Thank you. Wonderful pattern.


----------



## judyr (Feb 20, 2011)

Well you have made a lot of people happy today - sending this pattern - not only for the makers but the receivers of the handiwork. We all thank you.


----------



## Yarn bulldog (Aug 10, 2012)

Thank you. I am always looking for easy patterns. I can knit socks, but life is so busy with kids that I cannot pay attention to anything too complicated. Thanks again


----------



## SavvyCrafter (May 6, 2012)

Thank you for sharing the pattern! It's really a nice pattern to make for Christmas gifts.


----------



## headvase1 (Nov 18, 2011)

Thank you so much for the download my daughter and GD's will love this pattern.


----------



## NellieKnitter (Sep 10, 2012)

Thank you so very much for sharing your pattern! Great quick gift!


----------



## Pat lamb (Oct 31, 2011)

Thank you Searly for the pattern. I made one last night. Very easy and pretty


----------



## katygrace (Oct 7, 2011)

How nice, thank you very much !


----------



## barbtobias2012 (May 8, 2012)

Searley said:


> I've had quite a few requests for this pattern, so here it is. Very easy to knit up.

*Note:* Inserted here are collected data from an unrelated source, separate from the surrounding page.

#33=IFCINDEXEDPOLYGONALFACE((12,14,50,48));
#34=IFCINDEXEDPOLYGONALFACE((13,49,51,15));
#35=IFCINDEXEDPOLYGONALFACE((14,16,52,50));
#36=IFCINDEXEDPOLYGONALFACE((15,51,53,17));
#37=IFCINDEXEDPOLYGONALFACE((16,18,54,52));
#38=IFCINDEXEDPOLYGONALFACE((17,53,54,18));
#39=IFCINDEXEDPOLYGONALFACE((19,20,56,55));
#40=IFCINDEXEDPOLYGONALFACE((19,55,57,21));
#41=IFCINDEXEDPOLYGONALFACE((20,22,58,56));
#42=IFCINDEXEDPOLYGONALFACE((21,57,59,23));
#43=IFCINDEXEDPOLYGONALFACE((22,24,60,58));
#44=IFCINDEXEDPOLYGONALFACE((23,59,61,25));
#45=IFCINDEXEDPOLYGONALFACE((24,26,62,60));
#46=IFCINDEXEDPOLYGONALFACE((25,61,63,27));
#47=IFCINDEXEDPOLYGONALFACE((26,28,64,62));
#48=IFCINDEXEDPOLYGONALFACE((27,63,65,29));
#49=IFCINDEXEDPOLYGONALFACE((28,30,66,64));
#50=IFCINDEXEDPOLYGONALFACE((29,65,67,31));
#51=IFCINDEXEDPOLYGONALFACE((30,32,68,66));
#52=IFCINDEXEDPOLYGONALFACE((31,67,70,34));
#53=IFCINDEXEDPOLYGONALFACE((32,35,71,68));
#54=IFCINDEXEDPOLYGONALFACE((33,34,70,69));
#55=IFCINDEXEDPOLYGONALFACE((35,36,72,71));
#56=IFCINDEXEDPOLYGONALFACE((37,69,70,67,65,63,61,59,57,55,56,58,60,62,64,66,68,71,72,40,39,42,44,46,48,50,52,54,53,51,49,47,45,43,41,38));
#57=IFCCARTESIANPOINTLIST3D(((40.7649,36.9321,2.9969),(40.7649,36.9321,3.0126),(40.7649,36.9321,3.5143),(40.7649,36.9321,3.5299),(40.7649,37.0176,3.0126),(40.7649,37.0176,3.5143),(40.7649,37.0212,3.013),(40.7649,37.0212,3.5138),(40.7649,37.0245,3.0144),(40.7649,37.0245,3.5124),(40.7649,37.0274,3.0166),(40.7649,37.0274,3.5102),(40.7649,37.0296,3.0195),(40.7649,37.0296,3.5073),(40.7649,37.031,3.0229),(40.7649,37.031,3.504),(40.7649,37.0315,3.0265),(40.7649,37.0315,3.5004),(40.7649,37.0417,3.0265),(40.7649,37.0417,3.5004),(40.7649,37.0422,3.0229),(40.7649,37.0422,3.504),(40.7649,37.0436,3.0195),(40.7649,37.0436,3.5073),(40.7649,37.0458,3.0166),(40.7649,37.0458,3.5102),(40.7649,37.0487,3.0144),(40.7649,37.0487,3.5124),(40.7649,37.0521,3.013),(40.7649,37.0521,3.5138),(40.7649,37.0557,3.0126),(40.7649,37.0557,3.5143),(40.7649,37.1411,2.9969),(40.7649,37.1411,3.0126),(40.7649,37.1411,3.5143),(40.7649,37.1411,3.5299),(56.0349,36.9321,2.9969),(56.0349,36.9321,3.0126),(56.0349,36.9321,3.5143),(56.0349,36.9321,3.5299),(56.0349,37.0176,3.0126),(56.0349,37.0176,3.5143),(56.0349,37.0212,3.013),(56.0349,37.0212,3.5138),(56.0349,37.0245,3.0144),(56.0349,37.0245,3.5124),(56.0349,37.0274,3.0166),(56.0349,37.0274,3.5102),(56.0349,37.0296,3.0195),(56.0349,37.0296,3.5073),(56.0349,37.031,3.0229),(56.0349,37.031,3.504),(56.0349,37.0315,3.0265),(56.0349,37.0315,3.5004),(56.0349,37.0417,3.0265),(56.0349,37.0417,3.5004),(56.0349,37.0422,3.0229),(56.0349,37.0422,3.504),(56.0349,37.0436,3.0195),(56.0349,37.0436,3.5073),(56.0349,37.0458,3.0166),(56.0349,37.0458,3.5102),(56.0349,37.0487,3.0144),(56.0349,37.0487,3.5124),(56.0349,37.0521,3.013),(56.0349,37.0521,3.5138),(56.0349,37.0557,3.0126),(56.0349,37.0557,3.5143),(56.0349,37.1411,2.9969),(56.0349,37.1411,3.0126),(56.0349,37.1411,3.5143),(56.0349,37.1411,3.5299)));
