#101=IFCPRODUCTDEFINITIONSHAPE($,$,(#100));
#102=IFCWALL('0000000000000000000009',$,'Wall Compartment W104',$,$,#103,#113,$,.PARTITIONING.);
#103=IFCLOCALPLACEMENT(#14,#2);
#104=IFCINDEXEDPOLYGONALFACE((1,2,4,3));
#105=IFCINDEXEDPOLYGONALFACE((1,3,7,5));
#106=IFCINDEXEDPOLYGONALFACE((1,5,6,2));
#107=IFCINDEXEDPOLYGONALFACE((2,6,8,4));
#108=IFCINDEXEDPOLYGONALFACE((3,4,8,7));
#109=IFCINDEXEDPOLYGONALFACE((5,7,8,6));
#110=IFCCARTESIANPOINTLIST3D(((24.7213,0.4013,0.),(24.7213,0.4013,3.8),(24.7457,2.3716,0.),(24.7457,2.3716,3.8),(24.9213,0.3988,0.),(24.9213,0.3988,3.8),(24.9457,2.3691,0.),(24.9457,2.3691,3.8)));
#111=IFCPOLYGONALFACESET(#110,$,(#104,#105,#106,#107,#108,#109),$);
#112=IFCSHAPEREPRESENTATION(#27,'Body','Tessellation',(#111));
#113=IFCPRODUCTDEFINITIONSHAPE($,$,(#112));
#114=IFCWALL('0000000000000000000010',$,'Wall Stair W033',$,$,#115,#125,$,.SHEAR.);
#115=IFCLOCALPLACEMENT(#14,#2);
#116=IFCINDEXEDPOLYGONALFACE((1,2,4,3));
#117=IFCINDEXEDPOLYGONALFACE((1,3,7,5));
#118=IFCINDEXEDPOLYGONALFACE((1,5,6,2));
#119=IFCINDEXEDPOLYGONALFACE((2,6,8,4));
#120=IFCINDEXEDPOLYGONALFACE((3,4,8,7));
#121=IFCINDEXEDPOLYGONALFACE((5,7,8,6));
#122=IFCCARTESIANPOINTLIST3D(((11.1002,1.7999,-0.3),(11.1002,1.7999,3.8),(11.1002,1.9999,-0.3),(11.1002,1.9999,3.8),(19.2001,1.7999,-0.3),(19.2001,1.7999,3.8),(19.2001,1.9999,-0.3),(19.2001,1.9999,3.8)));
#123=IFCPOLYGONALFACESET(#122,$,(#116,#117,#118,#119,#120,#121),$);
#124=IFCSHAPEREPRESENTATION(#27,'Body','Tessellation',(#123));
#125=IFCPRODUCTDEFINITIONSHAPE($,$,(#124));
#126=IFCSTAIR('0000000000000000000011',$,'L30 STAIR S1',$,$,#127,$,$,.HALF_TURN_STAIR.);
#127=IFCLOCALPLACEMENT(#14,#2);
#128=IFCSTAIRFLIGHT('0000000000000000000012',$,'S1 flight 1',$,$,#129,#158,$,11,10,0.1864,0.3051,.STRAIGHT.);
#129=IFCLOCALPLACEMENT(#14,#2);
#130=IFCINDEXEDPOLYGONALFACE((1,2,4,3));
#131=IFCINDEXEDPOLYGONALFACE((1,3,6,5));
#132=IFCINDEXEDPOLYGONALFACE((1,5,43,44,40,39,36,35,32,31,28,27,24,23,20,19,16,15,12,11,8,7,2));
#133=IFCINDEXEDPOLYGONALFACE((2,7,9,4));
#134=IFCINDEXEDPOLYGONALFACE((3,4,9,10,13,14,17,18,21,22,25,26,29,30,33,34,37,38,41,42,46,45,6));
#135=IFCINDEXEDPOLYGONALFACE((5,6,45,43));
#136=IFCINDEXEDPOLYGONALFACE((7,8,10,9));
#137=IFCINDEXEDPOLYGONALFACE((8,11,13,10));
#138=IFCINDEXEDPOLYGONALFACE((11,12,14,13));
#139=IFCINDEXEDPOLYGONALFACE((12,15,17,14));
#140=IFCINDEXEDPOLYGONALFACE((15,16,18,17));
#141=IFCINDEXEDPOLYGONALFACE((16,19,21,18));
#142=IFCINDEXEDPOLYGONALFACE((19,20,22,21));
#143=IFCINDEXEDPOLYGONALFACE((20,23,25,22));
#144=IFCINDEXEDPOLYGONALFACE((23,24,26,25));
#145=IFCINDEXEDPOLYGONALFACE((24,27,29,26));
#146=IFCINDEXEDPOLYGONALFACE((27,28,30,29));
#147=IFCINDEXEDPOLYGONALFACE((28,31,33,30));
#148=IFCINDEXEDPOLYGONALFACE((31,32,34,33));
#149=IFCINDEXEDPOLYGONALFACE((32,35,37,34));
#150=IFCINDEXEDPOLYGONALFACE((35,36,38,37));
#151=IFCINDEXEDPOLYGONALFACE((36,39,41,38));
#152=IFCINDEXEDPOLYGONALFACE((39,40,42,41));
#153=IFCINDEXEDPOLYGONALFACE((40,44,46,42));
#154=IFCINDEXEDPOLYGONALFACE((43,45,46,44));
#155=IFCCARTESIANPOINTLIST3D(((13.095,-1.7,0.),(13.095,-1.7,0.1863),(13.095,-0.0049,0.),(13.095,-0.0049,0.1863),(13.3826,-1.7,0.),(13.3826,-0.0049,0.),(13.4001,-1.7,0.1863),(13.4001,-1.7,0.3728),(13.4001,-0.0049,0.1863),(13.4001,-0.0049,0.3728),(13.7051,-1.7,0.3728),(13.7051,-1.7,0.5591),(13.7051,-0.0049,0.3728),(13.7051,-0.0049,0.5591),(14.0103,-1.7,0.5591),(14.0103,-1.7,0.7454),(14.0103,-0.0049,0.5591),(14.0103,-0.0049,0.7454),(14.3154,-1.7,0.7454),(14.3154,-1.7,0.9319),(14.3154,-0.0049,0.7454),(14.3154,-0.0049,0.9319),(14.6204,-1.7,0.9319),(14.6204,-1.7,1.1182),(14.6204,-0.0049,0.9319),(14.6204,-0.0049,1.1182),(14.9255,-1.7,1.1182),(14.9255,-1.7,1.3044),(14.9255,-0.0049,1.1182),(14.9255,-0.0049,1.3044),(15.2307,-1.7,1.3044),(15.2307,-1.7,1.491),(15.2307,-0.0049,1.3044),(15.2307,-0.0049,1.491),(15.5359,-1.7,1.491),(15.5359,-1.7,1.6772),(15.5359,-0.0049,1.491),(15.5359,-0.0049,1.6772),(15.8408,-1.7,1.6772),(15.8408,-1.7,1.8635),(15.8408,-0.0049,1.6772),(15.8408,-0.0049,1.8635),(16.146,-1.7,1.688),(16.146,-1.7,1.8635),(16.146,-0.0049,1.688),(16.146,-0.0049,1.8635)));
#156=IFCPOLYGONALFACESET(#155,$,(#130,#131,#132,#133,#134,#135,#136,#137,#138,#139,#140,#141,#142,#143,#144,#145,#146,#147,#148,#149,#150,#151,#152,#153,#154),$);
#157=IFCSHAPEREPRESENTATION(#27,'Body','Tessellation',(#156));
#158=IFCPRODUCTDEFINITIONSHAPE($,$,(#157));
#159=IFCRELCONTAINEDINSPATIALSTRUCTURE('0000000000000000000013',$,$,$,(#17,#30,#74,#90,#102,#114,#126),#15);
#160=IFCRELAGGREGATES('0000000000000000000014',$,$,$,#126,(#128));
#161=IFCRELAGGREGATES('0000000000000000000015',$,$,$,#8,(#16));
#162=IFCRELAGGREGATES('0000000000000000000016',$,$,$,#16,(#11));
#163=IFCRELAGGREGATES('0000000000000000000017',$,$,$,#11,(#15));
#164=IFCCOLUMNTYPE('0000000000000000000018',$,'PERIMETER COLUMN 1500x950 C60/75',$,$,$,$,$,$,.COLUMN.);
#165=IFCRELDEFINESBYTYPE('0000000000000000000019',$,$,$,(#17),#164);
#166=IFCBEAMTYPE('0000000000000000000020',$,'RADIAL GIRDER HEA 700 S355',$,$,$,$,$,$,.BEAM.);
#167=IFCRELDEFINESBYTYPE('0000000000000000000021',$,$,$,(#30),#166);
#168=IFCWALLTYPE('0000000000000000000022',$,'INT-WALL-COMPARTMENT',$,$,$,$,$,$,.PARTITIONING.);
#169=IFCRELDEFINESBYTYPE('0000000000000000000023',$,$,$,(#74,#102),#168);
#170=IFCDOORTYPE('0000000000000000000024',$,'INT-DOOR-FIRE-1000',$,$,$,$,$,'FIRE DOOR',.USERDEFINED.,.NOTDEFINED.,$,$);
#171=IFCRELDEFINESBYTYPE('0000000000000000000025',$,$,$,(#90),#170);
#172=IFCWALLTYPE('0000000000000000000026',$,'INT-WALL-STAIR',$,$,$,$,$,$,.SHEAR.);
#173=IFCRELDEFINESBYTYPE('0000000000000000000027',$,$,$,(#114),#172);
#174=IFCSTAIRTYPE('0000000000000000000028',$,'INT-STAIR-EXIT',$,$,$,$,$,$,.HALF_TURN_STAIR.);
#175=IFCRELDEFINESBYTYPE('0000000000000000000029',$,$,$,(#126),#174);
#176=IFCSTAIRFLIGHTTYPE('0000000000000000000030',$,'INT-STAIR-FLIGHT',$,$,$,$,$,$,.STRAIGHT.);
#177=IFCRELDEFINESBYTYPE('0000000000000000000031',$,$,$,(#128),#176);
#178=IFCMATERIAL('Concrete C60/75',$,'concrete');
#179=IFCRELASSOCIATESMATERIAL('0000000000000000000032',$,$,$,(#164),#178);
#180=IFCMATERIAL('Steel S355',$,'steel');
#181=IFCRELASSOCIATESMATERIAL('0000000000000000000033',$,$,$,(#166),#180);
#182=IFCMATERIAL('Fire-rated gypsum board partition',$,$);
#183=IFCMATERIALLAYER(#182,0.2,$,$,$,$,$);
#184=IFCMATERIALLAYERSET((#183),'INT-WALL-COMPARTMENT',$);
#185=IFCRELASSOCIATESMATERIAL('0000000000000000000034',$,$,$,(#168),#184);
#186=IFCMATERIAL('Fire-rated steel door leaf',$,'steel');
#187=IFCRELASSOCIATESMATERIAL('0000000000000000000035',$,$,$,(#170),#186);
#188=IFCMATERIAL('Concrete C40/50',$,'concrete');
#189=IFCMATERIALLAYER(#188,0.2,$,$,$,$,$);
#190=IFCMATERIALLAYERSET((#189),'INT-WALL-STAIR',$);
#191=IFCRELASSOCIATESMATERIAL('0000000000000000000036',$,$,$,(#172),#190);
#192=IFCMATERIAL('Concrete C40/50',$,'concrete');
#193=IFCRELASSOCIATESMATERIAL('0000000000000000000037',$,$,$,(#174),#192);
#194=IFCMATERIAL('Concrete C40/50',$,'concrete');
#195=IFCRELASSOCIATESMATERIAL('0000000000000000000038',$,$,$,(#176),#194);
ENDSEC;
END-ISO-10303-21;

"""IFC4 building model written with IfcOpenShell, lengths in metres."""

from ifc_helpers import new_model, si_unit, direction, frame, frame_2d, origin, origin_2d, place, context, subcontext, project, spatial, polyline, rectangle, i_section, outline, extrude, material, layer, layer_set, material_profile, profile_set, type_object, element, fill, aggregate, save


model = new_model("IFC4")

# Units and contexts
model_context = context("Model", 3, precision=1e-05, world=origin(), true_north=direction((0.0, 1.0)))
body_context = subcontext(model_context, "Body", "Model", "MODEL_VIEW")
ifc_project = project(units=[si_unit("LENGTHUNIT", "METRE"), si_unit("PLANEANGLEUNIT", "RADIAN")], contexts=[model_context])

Thank you very much! Now I know what I'll do with lots of "bits" of left-over yarn that I can't quite bear to throw away.


----------



## Jeanett (Oct 19, 2013)

Thanks for sharing!


----------



## Pat lamb (Oct 31, 2011)

I did this last night is not put together yet :thumbup: love the pattern thank you


----------



## catlover1960 (May 18, 2012)

Searley said:


> I've had quite a few requests for this pattern, so here it is. Very easy to knit up.


Thank you for this pattern. This will make nice quick gifts.


----------



## Sewalaskan (Sep 7, 2013)

Thank you. Can't wait to try it


----------



## knitgogi (Aug 25, 2013)

Pat lamb said:


> I did this last night is not put together yet :thumbup: love the pattern thank you


That looks so nice! How wide did yours turn out?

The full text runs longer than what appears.